RDF::Enumerable is the key here. For implementing an #each that yields RDF::Statement objects, one gains a ton of functionality: #each_subject, #each_predicate, #each_object, #each_context, #has_subject?, #has_triple?, and more. It’s a key abstraction that provides huge amounts of functionality.

But the module system goes the other way–not only is it easy to implement new RDF models, existing ones are easily extended. I recently wrote RDF::Isomorphic, which extends RDF::Enumerable with #bijection_to and #isomorphic_with? methods. The module-based system provided by RDF.rb means that my isomorphic methods are now available on RDF::Sesame::Repositories, and indeed anything which includes RDF::Enumerable. This is everything from Repositories to Graphs to query results! In fact, query results themselves implement RDF::Enumerable, and thus implement RDF::Queryable and can be checked for isomorphism, or whatever else you want to add. This is functionality that Sesame does not have natively, and which I wrote for a completely different purpose (testing parsers). Every RDF::Enumerable gets it for free because I wanted to compare 2 textual formats. Neat!

For example, here’s what it takes to extend any RDF collection, from RDF::Isomorphic:

require 'rdf'
module RDF
  ##
  # Isomorphism for RDF::Enumerables
  module Isomorphic

    def isomorphic_with(other)
      # code that uses #each, or any other method from RDF::Enumerable goes here
      ...
    end

    def bijection_to(other)
      # code that uses #each, or any other method from RDF::Enumerable goes here
     ...
    end
  end

  #  re-open RDF::Enumerable and add the isomorphic methods
  module Enumerable 
    include RDF::Isomorphic
  end
end

Of course, this just can’t be done without monkey patching. Mixins and monkey patching together make for a powerful toolkit. To my knowledge, this is the first RDF library that takes advantage of these features.

It’s possible to provide powerful features to a wide range of implementations with this. RDF.rb does not yet have a inference layer, but any such layer would instantly work for any store which implements RDF::Enumerable. Want to prototype some custom business logic that operates over existing RDF data? Copy it into a local repository and hack away. No need for the production RDF store to be the same at all, but you can still apply the same code.

As a counter-example, compare this to the Java RDF ecosystem. There are some excellent implementations (RDF::Isomorphic is heavily in debt to Jena), but they’re all incompatible. Jena’s check for isomorphism is not really translatable to Sesame, or anything else. RDF.rb, in addition to providing a reference implementation, acts as an abstraction layer for underlying RDF implementations. The difference is night and day–with RDF.rb, you only need to implement a feature once, at the API layer, to have it apply to any implementation.
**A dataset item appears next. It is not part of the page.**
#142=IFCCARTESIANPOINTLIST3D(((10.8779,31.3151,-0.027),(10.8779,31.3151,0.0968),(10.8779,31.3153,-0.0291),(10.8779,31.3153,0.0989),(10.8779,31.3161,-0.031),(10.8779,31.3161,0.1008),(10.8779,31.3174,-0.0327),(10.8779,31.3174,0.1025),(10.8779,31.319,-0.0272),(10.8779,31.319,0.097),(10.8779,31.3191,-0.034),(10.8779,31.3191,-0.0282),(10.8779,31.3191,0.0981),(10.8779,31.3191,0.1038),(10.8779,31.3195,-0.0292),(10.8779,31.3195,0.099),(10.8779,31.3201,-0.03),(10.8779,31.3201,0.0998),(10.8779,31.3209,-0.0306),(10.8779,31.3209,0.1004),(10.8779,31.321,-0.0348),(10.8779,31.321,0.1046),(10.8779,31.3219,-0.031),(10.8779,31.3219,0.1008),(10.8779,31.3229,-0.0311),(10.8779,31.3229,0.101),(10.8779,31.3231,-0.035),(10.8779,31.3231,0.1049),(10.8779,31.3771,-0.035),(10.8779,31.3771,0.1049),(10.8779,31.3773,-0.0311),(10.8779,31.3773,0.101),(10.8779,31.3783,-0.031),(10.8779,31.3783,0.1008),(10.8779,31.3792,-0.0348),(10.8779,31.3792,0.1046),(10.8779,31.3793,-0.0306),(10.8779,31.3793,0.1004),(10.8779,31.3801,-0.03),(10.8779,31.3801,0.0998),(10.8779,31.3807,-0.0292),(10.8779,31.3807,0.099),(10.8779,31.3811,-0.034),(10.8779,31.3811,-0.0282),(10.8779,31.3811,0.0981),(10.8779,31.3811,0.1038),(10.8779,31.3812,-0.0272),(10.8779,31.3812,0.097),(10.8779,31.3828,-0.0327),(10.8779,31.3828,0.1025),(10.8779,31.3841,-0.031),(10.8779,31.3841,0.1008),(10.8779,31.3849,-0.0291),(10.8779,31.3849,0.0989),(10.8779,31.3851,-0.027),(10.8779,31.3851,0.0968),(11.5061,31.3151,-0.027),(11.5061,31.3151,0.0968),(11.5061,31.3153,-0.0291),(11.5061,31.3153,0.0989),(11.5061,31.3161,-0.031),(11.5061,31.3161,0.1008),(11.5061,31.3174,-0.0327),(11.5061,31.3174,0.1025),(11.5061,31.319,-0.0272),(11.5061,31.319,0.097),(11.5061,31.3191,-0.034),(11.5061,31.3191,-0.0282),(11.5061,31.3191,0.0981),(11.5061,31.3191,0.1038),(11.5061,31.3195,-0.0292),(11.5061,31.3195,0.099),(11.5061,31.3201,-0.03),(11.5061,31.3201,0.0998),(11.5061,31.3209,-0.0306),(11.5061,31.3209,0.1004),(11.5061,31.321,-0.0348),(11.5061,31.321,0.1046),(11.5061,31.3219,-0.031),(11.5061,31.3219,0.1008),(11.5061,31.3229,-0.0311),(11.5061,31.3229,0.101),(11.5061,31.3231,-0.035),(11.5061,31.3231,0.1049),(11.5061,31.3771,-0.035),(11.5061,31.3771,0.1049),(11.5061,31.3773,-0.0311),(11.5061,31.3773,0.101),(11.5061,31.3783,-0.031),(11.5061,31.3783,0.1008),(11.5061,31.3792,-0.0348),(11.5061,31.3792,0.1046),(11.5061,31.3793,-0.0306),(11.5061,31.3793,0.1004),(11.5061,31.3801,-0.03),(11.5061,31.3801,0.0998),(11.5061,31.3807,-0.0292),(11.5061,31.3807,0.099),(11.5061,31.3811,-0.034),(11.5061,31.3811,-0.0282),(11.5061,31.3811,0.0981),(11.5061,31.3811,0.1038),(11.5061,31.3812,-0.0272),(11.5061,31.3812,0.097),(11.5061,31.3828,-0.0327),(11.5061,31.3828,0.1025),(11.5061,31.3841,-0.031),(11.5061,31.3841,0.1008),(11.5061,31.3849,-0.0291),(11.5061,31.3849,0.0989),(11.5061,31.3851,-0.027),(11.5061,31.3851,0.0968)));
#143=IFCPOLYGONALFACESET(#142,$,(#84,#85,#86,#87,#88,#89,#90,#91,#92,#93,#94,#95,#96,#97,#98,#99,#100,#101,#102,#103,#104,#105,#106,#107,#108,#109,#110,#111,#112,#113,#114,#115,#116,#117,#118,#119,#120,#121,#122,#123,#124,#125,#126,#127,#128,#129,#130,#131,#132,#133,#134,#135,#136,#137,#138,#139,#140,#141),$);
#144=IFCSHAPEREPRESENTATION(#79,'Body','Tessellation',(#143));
This is not a knock at the very talented people behind those Java implementations; making this happen is a lot of work in a language without monkey patching, and RDF.rb is only as good as it is because of the significant influences those projects have been on Arto’s design.

The end result of the mixin-based approach is a system that is incredibly easy to extend, and just downright fun. It would be a fairly simple task to extend a Ruby class completely unrelated to RDF with an #each method that yields statements, allowing it to work in RDF::Enumerable. Voila, your existing classes now have an RDF representation. Along the same lines, if one is bothered by the statement-oriented nature of RDF.rb, building a system which took a resource-oriented view would not require one to ‘break away’ from the RDF.rb ecosystem. Just build your resource-oriented model objects and implement #each, and away you go–you can now run RDF queries and test isomorphism on your model. Build it to accept an RDF::Enumerable in the constructor and you can use any existing repository or query to initialize your model.

RDF.rb is not yet ready for production use, but it’s under heavy development and already quite useful. Give it a shot. You can post any issues in the GitHub issue queue.